Il suo padrone chiuse gli occhi e si massaggiò le tempie, in attesa di un’idea. Quando li riaprì, essi si focalizzarono su di una porticina appena visibile sulla destra, in fondo a quel corridoio scarsamente illuminato; essa portava all’ultimo livello della nave, nel punto dove si trovavano le celle.
Zita colse al volo ciò che il Conte aveva in mente. “Pensate che il ragazzo possa riuscire a farla ragionare?”
Udì un pesante sospiro. 
“Lo spero. Lo spero tanto”


Nda 
Eccomi qui finalmente con il nuovo capitolo! Innanzitutto mi scuso per il ritardo - di ben due settimane - con cui lo pubblico, ma ultimamente sono stata molto occupata con l'accademia. 

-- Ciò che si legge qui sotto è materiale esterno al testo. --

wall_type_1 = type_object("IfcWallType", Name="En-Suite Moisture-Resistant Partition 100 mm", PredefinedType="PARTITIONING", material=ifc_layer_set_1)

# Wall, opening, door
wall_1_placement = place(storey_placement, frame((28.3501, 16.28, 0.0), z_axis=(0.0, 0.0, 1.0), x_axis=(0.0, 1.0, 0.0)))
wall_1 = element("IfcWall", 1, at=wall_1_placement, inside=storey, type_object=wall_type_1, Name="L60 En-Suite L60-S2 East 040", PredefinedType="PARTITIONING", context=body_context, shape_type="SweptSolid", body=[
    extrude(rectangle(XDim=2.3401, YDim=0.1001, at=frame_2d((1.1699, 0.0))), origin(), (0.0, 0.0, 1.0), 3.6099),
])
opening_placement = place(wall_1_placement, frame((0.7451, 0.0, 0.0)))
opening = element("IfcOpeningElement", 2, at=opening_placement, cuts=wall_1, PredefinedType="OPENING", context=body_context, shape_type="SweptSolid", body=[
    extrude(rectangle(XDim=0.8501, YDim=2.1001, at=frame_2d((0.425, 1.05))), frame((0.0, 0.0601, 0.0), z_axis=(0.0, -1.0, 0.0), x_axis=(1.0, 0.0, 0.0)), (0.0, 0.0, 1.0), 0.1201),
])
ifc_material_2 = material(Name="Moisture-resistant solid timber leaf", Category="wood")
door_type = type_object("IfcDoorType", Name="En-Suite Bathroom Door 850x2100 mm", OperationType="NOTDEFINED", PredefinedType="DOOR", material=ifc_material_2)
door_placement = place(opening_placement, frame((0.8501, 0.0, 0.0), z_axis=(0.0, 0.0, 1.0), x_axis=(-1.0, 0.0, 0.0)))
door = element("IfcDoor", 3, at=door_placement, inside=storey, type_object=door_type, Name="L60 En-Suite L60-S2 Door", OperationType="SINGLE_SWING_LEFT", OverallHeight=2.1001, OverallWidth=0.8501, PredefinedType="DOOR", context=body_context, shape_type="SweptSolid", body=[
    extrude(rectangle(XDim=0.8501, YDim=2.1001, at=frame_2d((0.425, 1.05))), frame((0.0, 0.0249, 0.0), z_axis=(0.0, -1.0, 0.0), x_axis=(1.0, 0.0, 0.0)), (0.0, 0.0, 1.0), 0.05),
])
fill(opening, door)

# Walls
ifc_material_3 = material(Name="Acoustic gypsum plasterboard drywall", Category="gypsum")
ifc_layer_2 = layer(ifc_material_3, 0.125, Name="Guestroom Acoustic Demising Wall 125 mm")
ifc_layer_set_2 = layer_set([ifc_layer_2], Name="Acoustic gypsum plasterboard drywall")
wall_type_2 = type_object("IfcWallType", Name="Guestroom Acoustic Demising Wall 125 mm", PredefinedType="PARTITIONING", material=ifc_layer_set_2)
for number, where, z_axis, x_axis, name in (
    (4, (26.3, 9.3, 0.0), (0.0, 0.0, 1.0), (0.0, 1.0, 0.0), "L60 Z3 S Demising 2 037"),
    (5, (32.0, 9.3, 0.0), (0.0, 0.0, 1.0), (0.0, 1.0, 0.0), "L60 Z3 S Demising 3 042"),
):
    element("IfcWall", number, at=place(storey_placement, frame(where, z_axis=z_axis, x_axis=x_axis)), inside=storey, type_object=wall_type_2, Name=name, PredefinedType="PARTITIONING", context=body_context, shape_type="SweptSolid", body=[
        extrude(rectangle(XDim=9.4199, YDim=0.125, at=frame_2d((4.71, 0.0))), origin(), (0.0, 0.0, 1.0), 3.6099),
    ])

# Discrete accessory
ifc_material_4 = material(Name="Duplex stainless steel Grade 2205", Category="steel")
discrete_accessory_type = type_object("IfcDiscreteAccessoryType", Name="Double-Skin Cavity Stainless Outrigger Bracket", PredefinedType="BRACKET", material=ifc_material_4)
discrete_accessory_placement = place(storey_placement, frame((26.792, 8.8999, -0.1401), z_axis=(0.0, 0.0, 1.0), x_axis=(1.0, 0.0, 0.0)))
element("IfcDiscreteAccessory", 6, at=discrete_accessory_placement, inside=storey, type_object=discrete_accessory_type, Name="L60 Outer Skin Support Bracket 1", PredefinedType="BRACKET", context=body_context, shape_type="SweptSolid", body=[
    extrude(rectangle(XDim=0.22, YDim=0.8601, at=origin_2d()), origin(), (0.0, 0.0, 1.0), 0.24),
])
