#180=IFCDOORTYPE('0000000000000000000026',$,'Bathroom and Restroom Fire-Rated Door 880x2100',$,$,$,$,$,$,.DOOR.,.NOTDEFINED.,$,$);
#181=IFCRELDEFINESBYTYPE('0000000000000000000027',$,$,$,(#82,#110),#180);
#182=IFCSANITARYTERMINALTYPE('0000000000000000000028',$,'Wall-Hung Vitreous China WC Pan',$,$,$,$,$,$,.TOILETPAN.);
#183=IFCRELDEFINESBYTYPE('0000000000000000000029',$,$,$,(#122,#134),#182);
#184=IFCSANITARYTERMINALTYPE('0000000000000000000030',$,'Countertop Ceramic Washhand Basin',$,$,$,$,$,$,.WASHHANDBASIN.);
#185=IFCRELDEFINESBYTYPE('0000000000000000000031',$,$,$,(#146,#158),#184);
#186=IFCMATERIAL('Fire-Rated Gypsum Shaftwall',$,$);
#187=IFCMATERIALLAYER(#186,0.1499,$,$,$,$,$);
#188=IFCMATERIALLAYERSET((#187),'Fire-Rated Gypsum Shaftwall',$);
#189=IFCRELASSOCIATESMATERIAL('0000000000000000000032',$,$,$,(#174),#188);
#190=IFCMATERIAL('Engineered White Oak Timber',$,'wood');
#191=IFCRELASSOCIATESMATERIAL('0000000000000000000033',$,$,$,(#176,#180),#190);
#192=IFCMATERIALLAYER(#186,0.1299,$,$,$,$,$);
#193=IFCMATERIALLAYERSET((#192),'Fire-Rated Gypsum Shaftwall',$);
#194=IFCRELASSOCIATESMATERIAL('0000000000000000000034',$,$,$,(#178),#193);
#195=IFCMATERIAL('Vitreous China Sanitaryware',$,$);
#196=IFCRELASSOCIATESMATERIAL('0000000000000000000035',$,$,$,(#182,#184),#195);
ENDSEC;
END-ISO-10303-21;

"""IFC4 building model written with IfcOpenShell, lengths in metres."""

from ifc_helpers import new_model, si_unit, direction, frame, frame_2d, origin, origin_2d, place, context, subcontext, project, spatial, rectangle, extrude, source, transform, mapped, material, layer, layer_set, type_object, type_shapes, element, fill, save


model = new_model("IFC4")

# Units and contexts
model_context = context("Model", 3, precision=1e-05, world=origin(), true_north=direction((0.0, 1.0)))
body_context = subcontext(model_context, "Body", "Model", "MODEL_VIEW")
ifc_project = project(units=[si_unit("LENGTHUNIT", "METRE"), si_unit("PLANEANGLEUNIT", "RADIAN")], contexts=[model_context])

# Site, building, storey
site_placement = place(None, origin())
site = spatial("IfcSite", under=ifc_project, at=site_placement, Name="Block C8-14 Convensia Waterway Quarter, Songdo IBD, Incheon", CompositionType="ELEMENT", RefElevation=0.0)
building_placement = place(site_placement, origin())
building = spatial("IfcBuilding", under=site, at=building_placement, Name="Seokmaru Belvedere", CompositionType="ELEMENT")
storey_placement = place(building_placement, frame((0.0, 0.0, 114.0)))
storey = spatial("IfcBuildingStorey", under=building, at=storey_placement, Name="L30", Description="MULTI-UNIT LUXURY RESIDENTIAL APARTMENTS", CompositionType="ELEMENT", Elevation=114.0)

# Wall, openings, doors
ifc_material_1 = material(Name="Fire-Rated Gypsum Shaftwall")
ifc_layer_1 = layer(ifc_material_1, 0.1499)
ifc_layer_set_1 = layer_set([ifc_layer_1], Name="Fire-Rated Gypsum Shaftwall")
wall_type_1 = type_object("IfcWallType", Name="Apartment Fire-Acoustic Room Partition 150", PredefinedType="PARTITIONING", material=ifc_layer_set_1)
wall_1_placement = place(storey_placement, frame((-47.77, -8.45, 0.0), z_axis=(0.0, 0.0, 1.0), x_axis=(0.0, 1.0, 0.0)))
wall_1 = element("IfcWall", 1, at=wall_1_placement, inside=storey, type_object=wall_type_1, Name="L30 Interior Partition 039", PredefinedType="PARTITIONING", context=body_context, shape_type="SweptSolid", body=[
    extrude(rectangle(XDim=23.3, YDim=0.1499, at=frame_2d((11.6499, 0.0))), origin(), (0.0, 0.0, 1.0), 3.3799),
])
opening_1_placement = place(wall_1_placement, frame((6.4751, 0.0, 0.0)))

Bene! Finalmente entrano in scena anche questi due. Siete felici che Elettra sia "tornata" (più o meno)? 
Non lo nego: è stato un parto multigemellare con complicazioni; di questo capitolo avrò almeno quattro differenti versioni ahahah. Non sono nemmeno completamente soddisfatta di questa versione, ma tra tutte era la meno peggio. 
Cercando di essere più puntuale, alla prossima!